/gridworld_policy_evaluation

Implementation of policy evaluation using dynamic programming to approximate a value function using an equiprobable random policy on Frozen Lake Grid World

Primary LanguagePythonMIT LicenseMIT

Policy Evaluation in Grid World

This project implements Iterative Policy Evaluation in a Grid World environment, based on techniques from Reinforcement Learning: An Introduction by Barto and Sutton (Chapter 4). Using an equiprobable random policy, the agent evaluates states iteratively. The value function approximation for each state is computed over a fixed number of steps, with the max delta (|v - v'|) plotted at each step to visualize convergence.

Value Function
Iterative Policy Evaluation

After learning is complete, the policy is adjusted based on the computed value function and tested in the gymnasium environment.

Final Policy

Installation

  1. Clone the repository and navigate to the project directory.

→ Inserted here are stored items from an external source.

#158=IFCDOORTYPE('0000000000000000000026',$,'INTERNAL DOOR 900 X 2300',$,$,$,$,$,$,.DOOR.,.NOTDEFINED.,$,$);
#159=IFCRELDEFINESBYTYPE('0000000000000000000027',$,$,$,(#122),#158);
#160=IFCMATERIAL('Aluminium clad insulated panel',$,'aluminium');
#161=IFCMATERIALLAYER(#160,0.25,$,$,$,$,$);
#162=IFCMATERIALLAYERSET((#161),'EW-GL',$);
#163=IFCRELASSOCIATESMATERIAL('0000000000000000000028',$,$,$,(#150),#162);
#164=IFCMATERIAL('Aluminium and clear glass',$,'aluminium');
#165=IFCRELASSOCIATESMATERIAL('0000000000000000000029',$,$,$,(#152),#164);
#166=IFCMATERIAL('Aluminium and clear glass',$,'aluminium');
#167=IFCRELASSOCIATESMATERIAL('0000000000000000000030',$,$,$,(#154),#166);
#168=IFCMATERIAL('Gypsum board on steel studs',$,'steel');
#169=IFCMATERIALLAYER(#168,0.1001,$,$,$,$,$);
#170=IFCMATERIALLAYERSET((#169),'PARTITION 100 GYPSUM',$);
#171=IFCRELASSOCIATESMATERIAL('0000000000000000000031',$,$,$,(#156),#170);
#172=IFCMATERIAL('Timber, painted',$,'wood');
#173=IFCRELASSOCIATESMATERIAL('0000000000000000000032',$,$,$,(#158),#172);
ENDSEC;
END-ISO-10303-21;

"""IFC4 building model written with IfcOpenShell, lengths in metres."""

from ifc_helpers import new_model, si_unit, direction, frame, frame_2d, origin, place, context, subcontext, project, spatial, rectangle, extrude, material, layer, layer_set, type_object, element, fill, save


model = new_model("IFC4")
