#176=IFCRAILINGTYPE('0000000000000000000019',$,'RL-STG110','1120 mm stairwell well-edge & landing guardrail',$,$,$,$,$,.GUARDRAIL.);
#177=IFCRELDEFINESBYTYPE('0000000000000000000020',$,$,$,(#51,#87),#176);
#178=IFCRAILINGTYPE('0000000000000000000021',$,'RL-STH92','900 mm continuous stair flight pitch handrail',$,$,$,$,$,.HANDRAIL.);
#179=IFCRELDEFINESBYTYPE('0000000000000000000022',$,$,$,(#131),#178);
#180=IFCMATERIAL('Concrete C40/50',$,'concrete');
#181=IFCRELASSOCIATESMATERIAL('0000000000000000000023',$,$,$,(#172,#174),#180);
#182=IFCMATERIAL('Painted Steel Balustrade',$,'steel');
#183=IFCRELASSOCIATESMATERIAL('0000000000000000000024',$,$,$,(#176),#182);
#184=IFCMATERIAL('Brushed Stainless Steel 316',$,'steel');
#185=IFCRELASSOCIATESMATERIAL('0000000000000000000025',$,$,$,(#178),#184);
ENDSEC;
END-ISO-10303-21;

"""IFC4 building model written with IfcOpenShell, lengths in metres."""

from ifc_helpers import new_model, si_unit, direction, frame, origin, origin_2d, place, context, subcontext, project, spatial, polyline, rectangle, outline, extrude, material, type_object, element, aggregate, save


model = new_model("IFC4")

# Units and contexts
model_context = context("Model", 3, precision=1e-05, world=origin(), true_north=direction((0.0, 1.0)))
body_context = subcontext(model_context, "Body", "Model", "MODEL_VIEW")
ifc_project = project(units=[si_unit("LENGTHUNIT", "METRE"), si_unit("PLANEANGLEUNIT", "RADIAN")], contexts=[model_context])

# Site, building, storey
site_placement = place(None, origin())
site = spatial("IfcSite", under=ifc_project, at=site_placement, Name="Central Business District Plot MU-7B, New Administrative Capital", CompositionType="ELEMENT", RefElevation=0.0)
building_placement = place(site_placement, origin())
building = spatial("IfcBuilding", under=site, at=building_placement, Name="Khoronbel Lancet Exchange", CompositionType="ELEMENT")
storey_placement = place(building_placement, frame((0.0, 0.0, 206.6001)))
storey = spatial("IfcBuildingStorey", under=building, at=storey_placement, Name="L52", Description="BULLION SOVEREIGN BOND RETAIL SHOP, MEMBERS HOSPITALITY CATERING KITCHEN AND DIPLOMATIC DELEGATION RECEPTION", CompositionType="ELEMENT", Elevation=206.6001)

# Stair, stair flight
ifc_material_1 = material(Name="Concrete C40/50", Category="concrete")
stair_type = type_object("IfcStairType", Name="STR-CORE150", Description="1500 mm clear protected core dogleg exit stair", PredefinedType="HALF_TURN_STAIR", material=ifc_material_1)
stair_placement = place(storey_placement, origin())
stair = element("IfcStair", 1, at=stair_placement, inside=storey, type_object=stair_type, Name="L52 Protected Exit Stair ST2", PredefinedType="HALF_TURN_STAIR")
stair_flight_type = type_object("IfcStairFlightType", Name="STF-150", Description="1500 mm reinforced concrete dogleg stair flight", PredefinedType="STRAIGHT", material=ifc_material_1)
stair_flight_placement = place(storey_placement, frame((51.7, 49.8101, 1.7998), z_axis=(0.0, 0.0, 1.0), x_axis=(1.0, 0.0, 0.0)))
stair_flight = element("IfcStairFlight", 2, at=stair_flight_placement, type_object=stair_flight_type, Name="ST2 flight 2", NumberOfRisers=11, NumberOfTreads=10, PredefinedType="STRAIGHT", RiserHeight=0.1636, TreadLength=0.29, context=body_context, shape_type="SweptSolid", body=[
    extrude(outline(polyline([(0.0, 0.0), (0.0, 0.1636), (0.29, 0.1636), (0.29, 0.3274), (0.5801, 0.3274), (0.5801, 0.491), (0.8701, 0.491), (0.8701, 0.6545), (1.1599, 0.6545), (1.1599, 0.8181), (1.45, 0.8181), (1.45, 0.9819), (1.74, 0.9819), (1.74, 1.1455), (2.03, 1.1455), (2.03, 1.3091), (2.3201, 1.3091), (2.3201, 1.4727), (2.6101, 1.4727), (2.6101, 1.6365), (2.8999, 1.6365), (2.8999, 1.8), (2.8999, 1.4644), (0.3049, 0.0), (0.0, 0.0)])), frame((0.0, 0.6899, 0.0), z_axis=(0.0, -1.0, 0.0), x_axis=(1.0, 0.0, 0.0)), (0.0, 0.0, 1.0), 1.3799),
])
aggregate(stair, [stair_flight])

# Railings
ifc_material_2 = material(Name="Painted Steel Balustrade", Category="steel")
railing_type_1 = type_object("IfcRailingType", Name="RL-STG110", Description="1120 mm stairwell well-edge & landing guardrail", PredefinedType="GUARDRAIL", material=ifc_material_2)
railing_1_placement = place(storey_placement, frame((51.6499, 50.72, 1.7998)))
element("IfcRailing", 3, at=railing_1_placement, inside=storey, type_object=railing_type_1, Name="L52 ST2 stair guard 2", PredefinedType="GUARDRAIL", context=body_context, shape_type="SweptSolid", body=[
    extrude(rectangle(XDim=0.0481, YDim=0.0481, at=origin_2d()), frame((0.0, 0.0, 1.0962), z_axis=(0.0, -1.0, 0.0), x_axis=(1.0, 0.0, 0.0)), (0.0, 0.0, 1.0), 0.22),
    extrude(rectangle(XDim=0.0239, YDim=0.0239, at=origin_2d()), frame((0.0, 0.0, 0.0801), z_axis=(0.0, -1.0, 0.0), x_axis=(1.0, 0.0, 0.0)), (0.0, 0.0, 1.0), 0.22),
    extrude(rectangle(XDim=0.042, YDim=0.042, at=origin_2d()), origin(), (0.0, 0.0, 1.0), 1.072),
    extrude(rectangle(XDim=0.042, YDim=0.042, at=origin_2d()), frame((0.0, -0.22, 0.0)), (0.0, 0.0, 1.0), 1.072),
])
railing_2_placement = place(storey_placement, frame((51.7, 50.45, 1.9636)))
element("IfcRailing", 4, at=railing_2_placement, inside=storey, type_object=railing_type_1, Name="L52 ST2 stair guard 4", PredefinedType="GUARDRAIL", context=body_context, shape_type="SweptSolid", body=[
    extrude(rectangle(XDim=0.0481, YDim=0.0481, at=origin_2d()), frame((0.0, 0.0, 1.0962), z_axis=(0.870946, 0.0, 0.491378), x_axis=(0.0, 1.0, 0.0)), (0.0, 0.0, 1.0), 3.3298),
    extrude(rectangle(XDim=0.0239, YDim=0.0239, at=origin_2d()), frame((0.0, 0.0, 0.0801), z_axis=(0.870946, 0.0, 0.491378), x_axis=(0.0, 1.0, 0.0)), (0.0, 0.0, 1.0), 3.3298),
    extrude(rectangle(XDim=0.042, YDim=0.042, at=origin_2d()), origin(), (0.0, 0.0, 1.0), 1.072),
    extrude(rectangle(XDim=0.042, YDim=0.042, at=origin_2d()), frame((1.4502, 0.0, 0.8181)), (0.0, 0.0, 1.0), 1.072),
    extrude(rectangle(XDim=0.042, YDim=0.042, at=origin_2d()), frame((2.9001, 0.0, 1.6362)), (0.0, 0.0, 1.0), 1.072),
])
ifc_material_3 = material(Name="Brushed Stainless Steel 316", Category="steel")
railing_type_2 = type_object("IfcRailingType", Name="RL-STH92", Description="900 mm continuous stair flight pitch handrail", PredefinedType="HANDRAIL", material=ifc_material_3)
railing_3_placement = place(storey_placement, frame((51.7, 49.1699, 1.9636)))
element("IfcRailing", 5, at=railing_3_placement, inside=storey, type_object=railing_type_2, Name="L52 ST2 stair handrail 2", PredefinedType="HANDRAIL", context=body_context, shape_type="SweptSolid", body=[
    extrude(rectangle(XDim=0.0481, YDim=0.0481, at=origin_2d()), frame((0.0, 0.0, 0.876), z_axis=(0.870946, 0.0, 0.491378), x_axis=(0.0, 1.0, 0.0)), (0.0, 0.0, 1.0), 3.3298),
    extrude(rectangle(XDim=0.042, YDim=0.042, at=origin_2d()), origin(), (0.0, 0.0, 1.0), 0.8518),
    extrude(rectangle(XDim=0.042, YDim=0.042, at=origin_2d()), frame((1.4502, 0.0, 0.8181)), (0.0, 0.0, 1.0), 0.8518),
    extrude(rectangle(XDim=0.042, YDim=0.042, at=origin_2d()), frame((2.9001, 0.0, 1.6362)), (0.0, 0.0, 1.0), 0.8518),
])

  2. Install dependencies:

    pip install -r requirements.txt

Usage

Run the main script with default settings:

python3 main.py

This will execute the policy evaluation on a large grid. Resulting visualizations for the value function and policy execution will be generated.

Large Map Execution
Max Delta Plot for Large Map

Example with a Smaller Map

To run the policy evaluation on a smaller grid, use the --map option:

python3 main.py --map='small'

Small Map Execution
Max Delta Plot for Small Map

Extended CLI Options

Customize the evaluation with additional command-line options:

python3 main.py --map='small' --video_folder='./videos' --steps=1000 --episodes=1
  • --map: Choose from available map sizes (small, large).
  • --video_folder: Specify a folder to save video recordings of the policy execution.
  • --steps: Set the number of steps for iterative policy evaluation.
  • --episodes: Define the number of episodes to run.

License

This project is licensed under the MIT License.